Anyway, we were doing this thing that we sometimes do at the Ukraina, which was playing in the revolving door in the lobby. There are never many people around, so no one tells us to stop. The door is probably ten feet tall, and it's made of these thick slabs of wood with glass panels in them and big steel bars over the panels. They're really heavy, and it's kind of hard to push your way through the door. But if you get two or three guys in there pushing, you can really get it going fast.
We'll have a couple guys spinning the door, and everybody else stands around in the lobby, waiting their turn to jump into the...chamber, I guess you'd call it, between the panels of the door.

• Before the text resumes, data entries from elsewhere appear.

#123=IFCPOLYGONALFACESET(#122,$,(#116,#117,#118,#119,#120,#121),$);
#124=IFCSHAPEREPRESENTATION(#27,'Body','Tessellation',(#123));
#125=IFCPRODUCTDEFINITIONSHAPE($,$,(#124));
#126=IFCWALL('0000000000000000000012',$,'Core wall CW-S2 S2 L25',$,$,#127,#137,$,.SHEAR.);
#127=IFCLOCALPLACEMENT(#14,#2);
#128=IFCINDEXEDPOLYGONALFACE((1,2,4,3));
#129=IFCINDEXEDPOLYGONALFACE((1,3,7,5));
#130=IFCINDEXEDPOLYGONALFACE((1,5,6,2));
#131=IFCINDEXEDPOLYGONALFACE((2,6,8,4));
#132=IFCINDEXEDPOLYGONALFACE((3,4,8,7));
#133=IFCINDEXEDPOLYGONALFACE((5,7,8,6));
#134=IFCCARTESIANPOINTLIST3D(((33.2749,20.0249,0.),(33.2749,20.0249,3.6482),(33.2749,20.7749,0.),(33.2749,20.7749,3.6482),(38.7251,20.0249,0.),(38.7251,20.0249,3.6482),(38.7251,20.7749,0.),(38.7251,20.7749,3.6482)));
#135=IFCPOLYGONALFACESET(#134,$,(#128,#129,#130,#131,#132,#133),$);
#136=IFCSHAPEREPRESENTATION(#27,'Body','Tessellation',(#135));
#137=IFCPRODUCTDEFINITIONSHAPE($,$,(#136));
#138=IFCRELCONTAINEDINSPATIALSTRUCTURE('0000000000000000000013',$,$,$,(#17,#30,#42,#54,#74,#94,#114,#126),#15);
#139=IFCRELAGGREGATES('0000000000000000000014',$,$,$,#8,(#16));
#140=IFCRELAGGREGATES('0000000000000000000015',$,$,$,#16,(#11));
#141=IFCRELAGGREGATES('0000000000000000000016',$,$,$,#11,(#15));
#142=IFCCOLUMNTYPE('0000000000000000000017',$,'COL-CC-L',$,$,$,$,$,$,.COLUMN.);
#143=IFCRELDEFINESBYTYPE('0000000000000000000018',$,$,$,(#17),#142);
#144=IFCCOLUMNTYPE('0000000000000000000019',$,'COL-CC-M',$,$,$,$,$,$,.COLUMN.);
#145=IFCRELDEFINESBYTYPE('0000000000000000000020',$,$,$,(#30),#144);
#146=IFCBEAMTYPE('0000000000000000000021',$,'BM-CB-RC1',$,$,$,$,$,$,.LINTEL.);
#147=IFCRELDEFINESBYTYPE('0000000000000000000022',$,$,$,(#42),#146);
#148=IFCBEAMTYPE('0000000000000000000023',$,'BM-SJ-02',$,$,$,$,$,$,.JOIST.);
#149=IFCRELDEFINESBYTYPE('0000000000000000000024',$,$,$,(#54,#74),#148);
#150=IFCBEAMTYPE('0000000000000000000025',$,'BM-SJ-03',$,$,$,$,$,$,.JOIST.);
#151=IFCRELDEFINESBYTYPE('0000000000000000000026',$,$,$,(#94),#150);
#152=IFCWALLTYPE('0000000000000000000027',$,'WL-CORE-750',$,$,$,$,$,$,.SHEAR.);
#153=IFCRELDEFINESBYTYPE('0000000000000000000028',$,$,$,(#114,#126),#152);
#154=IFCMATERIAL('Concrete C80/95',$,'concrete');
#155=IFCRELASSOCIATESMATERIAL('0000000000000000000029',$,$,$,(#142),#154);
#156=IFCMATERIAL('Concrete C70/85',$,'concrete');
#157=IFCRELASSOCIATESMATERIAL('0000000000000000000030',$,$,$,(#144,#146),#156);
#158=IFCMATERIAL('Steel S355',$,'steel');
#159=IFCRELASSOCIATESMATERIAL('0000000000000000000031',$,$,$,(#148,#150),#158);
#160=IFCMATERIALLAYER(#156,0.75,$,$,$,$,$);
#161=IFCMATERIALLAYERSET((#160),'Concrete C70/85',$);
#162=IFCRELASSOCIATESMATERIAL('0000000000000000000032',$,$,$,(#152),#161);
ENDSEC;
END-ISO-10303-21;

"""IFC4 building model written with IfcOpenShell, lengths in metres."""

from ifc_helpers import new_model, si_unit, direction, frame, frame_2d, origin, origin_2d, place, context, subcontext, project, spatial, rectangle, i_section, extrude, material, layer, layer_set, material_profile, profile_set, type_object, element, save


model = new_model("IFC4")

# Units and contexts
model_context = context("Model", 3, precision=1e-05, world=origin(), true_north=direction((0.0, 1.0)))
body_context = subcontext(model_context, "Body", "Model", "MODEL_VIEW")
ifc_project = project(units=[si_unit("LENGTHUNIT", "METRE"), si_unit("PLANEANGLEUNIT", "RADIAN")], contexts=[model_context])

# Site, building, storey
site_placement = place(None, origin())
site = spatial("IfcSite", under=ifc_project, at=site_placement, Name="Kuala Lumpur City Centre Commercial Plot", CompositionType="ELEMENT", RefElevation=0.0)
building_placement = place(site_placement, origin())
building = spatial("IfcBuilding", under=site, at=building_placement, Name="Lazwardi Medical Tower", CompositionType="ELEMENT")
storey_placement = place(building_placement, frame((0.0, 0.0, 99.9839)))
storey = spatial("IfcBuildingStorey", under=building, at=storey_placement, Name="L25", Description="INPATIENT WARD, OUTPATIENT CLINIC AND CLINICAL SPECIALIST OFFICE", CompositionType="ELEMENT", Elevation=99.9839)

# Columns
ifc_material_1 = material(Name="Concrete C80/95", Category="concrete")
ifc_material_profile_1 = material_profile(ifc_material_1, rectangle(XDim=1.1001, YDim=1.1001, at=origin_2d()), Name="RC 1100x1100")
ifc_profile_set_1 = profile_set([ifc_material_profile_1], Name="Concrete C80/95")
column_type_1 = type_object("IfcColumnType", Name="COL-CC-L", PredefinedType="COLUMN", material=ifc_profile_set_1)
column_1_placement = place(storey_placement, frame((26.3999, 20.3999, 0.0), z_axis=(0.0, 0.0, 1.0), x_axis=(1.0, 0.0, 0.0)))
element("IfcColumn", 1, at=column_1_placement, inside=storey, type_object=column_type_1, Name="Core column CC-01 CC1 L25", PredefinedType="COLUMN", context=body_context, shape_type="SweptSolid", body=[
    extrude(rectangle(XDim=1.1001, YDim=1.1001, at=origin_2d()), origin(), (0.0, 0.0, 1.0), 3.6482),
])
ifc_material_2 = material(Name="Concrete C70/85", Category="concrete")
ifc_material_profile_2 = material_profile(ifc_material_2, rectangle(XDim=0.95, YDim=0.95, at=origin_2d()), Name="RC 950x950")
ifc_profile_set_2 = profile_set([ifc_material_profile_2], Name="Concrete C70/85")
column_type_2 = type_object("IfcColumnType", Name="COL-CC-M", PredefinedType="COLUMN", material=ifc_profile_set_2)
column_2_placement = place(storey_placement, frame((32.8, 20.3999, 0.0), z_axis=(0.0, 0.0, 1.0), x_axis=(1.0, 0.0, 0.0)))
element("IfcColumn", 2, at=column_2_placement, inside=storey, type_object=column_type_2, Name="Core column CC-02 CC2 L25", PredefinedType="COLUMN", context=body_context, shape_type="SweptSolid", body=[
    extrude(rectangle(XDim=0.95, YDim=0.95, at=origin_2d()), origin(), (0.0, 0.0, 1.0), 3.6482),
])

If you time it right, when you jump into it, the door kind of picks you off of your feet and spits you out onto the sidewalk.

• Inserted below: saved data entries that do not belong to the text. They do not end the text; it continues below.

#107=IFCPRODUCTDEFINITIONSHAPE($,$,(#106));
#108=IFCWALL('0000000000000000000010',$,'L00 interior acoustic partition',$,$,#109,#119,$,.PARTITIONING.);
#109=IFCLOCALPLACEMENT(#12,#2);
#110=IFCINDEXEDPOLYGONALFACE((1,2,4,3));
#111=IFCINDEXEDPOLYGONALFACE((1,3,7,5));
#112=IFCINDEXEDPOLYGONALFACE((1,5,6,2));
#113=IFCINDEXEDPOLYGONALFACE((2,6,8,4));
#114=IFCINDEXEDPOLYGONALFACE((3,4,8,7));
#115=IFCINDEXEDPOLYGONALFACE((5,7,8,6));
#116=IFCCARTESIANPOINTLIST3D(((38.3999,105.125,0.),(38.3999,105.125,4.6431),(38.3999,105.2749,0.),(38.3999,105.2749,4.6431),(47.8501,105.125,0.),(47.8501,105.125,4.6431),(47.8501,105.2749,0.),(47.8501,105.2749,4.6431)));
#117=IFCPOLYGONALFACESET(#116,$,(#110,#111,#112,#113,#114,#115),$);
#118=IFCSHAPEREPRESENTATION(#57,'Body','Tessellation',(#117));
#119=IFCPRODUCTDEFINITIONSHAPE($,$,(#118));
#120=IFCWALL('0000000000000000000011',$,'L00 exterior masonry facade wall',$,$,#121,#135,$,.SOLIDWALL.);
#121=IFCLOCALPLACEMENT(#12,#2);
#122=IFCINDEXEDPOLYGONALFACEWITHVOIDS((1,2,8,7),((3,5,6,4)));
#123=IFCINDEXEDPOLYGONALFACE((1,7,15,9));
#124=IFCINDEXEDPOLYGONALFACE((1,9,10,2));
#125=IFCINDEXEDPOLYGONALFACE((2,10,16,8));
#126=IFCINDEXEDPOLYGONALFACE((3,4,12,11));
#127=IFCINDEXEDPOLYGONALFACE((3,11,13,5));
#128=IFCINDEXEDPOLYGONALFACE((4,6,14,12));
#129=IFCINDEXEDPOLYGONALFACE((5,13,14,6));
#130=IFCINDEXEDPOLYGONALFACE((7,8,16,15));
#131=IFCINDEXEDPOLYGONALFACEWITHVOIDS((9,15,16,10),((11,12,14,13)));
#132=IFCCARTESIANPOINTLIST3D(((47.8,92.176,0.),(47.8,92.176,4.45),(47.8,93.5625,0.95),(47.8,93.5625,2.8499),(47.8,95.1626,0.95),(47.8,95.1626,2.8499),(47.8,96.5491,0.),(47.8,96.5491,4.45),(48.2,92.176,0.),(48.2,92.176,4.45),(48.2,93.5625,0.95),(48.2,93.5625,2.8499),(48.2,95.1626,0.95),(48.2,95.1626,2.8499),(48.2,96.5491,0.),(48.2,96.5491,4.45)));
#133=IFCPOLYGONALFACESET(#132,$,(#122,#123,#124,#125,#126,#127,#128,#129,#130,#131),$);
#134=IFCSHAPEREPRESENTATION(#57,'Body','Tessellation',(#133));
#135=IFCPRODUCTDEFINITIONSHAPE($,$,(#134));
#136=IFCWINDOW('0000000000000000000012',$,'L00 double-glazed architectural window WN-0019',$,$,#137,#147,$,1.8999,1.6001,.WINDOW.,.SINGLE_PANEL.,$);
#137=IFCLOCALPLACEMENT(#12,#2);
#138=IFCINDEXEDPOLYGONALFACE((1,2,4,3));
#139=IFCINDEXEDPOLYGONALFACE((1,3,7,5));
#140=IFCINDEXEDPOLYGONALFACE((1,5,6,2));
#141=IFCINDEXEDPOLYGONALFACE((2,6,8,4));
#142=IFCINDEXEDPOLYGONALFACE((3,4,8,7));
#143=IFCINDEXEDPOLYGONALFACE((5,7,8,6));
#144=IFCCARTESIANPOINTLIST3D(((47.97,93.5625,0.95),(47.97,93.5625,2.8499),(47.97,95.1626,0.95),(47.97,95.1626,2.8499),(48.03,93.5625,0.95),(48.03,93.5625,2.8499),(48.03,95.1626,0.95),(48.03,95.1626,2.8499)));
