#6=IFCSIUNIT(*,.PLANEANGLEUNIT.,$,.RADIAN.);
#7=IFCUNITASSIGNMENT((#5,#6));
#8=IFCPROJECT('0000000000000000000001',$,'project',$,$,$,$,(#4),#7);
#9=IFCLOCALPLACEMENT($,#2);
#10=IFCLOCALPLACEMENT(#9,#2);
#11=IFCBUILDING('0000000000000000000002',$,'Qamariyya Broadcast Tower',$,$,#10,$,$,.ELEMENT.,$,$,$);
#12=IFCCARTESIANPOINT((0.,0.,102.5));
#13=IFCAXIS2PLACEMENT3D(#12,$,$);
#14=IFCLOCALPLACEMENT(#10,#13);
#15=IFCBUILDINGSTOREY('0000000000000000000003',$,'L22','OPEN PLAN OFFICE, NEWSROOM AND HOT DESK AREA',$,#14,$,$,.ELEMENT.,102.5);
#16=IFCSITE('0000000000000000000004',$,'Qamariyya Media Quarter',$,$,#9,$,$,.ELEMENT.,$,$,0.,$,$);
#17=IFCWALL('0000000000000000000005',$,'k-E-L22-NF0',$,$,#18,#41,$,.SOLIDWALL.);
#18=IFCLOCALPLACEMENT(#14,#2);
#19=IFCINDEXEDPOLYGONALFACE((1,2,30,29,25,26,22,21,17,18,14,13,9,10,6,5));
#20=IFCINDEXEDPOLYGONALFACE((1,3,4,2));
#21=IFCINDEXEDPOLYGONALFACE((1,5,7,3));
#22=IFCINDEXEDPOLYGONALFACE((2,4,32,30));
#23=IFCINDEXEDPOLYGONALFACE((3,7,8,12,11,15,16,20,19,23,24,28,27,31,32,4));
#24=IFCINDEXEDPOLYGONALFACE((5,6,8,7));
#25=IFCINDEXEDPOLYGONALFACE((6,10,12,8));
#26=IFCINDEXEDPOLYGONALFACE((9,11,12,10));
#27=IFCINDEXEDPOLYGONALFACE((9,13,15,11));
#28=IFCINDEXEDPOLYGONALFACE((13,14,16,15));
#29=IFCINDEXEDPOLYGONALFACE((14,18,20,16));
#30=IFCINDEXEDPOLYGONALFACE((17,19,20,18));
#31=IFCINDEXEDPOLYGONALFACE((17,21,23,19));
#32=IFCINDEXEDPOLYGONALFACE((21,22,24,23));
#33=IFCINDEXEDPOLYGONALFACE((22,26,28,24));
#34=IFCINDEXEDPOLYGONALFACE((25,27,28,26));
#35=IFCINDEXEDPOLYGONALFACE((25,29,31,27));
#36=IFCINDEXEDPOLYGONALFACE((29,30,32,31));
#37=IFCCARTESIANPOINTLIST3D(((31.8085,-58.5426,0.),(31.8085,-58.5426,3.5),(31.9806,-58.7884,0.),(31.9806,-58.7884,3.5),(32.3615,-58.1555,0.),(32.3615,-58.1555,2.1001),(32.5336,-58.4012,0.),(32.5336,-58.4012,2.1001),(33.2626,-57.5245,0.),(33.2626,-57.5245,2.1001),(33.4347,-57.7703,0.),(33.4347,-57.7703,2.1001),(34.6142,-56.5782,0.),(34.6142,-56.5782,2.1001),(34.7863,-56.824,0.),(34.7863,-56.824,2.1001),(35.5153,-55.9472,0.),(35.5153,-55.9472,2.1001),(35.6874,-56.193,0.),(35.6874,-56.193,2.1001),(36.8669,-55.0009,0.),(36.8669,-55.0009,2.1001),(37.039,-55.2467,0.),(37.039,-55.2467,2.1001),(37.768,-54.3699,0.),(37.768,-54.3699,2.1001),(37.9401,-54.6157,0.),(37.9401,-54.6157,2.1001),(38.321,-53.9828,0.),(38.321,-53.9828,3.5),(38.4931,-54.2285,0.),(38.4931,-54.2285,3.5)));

So I was standing there like a sprinter, waiting to jump into the spinning door, watching it go around a couple times to make sure I went at just the right moment. I made a kind of song in my head with a beat every time a door panel passed the wall: bum-bum-bum-bum.
I let it go around three or four times. Bum-bum-bum-bum.

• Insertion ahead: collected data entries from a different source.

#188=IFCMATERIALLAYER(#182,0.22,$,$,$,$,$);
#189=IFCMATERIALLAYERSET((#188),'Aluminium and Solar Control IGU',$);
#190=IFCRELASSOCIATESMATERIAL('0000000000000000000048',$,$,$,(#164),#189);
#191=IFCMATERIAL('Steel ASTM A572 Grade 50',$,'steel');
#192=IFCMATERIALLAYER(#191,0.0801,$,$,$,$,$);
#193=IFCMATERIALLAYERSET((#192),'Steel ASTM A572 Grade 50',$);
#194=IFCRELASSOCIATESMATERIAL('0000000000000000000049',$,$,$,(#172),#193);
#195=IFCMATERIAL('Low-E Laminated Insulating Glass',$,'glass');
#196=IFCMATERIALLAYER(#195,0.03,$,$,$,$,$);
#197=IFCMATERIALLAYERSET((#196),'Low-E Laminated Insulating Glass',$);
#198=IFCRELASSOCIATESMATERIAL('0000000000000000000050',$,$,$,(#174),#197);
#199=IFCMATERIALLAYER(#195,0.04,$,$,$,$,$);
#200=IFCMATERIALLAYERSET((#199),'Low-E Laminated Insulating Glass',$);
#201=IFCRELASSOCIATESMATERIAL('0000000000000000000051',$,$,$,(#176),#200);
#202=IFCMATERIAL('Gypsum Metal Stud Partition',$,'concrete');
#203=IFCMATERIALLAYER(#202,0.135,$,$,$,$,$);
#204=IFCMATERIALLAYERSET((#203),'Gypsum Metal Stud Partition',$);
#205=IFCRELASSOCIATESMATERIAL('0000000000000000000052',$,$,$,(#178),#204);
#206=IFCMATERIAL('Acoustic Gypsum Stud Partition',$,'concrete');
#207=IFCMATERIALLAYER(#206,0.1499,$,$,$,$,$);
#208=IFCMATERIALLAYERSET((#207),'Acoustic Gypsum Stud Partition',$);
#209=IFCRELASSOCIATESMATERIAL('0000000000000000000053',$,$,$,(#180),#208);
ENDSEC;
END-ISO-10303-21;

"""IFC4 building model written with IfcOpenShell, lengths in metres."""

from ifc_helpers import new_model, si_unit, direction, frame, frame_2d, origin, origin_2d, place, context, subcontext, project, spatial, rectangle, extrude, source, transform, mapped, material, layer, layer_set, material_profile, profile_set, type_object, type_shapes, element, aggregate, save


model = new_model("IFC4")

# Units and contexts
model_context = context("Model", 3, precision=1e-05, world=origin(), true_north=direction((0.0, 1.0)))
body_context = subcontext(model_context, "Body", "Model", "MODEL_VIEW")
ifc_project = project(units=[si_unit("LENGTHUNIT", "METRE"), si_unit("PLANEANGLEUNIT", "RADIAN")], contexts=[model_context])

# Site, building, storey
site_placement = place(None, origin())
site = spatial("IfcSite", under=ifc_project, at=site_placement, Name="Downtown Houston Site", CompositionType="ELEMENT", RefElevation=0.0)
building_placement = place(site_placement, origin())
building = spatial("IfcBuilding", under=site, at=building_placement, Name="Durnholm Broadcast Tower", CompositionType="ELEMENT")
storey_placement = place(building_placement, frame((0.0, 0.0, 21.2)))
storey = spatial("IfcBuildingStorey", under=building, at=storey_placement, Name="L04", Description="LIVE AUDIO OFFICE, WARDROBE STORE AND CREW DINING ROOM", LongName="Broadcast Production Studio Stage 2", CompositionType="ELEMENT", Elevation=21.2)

Then: bum-bum-bum--I jumped into the opening!
But because I was wearing my new boots, instead of my Adidas, my ankle turned just a little bit and I stumbled and had to recover. My timing was way off.
Thud! It sounded like someone had jammed the door with a big piece of lumber.
But it wasn't lumber; it was me.
The door stopped its hyperspeed counter-clockwise revolutions, and started slowly going the other direction until it hit my limp body and stopped altogether.
I couldn't move. I wasn't bawling or anything, but I have to admit I was pretty scared. I guess I was in shock or something, because I couldn't feel much of anything.
One of my friends who speaks Russian tracked down some grownups to help us as my other friends dragged me into the lobby, away from the door.
It seemed like the grownups weren't in any hurry to help me. A couple people walked by and shook their heads.
Finally, a huge middle-aged Russian lady in a white dress and hat showed up, carrying a small brown suitcase.
"Pain, yes?" She said.
"What?" I said.
"Yes," I said. "Pain."
She opened her case and pulled out a syringe that looked about the right size to tranquilize a horse, with a needle that was a good eight inches long. Then she pulled out a glass bottle of clear liquid.
As she plunged the needle into the bottle, I suddenly found myself standing up. I swear I don't remember getting to my feet, but there I was, saying, "Come on! Let's get out of here!" to my friends.
My friends half-carried, half-dragged me back to my apartment. My parents were both at work at the embassy, and eventually I was able to get in touch with my mom. She sent a driver from the embassy to pick me up and take me to the clinic.
It turns out that I'm okay after all. I just have a bruised hip, and there's nothing you can do about that really. The doctor gave me a cane to use for a while, and aspirin for the pain. It doesn't even hurt that much anymore.
Also, the cane makes a pretty cool accessory.